The last Pi

The basic pi generation algorithm (this is a pi generation formula and not a formula giving pi) is pasted below:-
1. (n!)/((n!)^n) factor was used. Extrovertedness. Jealousy.
2. comb(2n,n) factor was used. Measuring behaviour. Doubling.
3. 6/85. A rational number.
4. Iteration from 0 to 100.

Pi equation using staircase as simple machine is as below:-

1. (n!)/((n!)^n) factor was used. Extrovertedness. Jealousy.
2. comb(2n,n) factor was used. Measuring behaviour. Doubling.
3. ((n+2)^0.5)/((n+1)^0.5). Belief in irrational numbers. Staircase. Simple Machine.
4. 100000/860762. A rational number.
5. Iteration from 1 to 100.

In the first case 1/pi is generated to 5 places. In the second case 1/pi is generated to 8 places.

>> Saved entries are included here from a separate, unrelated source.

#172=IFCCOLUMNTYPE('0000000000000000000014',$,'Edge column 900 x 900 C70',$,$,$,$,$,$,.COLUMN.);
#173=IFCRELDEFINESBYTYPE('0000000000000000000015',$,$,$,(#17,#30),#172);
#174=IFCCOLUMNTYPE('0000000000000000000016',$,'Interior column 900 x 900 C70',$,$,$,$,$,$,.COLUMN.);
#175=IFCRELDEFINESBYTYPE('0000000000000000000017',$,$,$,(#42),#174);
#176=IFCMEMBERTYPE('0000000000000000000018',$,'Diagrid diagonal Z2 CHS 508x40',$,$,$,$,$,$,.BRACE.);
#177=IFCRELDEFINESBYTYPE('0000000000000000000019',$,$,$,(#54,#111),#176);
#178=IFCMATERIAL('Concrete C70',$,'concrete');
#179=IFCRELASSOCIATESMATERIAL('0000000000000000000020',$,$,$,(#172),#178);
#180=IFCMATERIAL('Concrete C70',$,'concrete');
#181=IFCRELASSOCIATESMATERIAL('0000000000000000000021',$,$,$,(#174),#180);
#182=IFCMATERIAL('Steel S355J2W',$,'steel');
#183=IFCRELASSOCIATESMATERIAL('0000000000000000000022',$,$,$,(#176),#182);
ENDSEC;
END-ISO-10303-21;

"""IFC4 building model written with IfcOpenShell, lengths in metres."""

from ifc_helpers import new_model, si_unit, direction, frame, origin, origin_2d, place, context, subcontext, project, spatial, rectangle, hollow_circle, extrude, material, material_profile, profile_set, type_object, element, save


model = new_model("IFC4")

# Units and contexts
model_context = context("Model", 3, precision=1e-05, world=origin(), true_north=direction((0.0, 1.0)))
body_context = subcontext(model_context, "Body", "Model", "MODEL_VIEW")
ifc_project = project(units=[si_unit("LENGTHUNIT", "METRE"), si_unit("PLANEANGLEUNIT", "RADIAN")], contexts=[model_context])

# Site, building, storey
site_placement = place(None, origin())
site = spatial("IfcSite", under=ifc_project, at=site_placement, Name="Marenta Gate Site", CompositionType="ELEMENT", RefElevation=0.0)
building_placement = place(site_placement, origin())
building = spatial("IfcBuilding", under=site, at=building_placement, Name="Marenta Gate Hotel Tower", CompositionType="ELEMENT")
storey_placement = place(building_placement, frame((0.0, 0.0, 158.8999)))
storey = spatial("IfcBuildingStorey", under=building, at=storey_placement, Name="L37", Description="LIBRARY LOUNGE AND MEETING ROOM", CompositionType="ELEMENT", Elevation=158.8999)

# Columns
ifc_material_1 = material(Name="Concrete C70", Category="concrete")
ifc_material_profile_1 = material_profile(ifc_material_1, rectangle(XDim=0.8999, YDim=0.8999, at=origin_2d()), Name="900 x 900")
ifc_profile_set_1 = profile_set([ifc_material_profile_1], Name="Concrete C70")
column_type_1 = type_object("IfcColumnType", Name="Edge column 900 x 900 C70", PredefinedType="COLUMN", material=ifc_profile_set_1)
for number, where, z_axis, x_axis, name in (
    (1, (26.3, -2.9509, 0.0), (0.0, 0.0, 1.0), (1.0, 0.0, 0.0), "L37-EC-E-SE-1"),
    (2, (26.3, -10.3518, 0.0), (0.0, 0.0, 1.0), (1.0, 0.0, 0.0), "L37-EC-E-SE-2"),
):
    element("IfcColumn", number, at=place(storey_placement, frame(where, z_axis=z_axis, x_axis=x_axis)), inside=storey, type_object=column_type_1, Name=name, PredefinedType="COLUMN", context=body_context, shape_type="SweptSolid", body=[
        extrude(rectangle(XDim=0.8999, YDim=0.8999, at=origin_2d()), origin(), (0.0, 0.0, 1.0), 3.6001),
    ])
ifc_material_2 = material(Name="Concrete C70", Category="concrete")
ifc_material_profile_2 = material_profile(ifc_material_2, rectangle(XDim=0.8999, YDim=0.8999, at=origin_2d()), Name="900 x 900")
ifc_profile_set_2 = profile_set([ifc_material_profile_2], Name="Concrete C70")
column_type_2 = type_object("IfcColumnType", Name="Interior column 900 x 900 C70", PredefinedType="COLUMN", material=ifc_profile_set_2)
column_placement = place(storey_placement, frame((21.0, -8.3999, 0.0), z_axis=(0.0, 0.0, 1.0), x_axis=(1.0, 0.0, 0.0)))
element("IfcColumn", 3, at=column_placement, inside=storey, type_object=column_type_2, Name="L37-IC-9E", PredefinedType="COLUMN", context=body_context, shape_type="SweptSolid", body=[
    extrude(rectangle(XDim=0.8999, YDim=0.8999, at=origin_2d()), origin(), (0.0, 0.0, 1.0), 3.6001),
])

All I have to do is to take care of transcendental property of pi (I am not sure what I mean though !!). I need to develop that block and attach it to second case and generate further places of pi.

Pi and future plans

In future I shall be working only on (1+0.000041206)^n.

Got it completely. Used Chudnovsky factors for An+B/C. And 1/pi to possibly trillions of places. So jealousy and measuring behaviour are true.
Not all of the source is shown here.